At this point, I should perhaps point out that I had never met most of these people before, even though I have shared writing and random conversations and advice with many of them. We normally meet up in cyber space and this was the first time many of us had met.

I understand it was less nerve-wracking for me, even with my general confusion over how to speak to humans, as I had turned up with Jules. People seemed to work out pretty quickly that Jules and I have known each other for a good long while. We give it away somehow. Others had arrived alone and had to go through the process of working out which bunch of strangers might be the writers. More power to them. Jules and I had spotted one person at the bar and were half decided on sneaking behind him until we worked out who was with our group and we had each other as back-up. We had just decided on Skyrim style sneaking when we were spotted by someone we met back at the Writers' Festival in York last year.

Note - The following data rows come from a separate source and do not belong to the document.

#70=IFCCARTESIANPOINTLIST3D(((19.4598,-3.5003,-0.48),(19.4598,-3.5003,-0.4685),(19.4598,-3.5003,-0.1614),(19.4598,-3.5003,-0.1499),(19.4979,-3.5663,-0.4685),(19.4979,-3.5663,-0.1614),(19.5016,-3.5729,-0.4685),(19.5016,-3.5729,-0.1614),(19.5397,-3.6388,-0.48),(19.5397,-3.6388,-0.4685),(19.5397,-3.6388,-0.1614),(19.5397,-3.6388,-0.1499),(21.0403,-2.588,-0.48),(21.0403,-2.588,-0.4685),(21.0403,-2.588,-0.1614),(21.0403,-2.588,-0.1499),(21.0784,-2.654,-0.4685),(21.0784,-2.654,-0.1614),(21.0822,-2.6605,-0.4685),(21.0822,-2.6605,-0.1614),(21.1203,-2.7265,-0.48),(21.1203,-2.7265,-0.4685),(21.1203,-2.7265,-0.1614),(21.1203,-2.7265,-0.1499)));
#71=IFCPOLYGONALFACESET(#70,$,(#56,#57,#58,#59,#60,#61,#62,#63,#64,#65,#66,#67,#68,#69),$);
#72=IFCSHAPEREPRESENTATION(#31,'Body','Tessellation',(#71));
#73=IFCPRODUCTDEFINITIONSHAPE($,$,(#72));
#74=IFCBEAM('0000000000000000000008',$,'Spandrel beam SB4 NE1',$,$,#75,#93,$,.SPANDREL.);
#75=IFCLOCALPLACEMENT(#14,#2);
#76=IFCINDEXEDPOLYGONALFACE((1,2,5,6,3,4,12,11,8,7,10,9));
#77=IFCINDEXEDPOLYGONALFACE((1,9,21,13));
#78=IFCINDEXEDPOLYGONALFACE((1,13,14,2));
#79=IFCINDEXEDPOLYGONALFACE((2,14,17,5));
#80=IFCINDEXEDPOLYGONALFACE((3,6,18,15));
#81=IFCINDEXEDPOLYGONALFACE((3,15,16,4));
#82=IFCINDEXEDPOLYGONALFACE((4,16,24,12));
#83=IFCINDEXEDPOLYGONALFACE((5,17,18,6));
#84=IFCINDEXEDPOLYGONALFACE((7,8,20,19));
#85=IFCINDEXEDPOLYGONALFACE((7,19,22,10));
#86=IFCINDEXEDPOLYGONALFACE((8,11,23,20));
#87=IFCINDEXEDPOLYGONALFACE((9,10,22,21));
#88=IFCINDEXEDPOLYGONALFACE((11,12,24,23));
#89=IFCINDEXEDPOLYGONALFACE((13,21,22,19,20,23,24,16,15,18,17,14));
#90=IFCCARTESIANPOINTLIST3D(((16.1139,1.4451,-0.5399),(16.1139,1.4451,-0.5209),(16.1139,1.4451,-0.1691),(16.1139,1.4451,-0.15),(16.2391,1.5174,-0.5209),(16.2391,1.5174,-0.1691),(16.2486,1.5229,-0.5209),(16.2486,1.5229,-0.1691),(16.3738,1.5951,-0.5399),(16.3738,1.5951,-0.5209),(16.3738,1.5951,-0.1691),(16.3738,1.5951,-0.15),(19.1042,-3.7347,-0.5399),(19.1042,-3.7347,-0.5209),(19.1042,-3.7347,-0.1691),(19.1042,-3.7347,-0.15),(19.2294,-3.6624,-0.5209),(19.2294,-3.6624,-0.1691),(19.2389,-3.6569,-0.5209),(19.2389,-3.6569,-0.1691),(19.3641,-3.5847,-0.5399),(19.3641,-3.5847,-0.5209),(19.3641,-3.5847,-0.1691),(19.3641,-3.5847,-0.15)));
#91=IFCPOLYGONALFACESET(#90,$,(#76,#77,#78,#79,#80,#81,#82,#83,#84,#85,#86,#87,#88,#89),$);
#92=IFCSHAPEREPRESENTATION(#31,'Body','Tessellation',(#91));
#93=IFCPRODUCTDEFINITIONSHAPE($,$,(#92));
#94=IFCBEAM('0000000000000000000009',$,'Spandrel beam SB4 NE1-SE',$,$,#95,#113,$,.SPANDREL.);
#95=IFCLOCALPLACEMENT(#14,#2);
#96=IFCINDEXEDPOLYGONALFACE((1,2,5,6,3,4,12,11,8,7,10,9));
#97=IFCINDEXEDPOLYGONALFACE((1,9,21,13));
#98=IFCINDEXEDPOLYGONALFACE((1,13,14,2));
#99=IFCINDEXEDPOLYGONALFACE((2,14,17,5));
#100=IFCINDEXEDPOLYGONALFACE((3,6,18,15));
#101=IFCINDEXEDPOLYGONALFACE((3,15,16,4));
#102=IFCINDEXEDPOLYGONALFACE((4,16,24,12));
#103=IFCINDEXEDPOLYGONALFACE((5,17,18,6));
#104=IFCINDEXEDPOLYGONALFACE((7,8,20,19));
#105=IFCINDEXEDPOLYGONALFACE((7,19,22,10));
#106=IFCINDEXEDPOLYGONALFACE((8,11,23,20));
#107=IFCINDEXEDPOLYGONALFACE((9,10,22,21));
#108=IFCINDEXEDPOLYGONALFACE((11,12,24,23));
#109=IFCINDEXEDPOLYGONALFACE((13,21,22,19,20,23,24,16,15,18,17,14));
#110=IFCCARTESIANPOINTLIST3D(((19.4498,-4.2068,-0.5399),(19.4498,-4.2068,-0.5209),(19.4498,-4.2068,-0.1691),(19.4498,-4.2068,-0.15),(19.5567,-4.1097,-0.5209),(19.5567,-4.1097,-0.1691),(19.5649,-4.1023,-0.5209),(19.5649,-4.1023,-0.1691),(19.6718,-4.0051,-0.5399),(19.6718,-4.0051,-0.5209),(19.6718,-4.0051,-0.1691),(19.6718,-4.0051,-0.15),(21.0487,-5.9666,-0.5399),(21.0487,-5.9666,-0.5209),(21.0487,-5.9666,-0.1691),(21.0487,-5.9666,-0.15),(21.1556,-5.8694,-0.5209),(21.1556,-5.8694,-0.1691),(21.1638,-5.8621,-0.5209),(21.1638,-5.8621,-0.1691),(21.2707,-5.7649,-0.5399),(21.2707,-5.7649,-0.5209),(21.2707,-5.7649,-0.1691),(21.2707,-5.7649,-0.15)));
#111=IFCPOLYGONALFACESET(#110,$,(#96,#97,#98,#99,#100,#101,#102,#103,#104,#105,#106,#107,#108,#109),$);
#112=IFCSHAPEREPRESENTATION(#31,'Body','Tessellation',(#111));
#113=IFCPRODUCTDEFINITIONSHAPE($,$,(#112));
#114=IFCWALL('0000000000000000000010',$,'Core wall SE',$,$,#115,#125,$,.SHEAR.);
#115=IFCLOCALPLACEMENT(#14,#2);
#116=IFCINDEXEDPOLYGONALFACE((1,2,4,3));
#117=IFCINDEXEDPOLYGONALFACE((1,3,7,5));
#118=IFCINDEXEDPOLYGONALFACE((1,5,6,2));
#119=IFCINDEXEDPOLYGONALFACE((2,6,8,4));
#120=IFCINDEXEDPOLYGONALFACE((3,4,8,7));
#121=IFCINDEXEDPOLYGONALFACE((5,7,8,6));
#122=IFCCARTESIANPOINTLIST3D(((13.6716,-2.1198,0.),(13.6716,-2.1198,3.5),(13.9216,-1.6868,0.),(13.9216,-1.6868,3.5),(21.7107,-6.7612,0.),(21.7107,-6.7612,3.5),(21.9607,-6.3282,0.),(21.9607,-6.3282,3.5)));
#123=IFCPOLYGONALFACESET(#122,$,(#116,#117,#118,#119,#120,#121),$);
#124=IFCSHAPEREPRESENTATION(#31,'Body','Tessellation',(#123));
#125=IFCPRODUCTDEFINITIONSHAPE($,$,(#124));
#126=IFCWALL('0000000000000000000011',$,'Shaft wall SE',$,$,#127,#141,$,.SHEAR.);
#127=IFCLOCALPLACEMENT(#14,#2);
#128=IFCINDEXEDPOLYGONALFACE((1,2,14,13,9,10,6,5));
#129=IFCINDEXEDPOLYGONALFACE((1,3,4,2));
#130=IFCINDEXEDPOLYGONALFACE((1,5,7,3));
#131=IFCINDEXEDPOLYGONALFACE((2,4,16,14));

In any case, it was perhaps a good thing that no-one was a boat, as the restaurant we went to was...snug. I am not used to sitting hip-to-hip with people I have just met in person, whilst I try to wrestle chicken and chips off a plate without being able to move my elbows, but it went surprisingly well. It would have gone less well had I needed to rub elbows with a ship, I feel.

Thank-you for not really being a ship, Matt.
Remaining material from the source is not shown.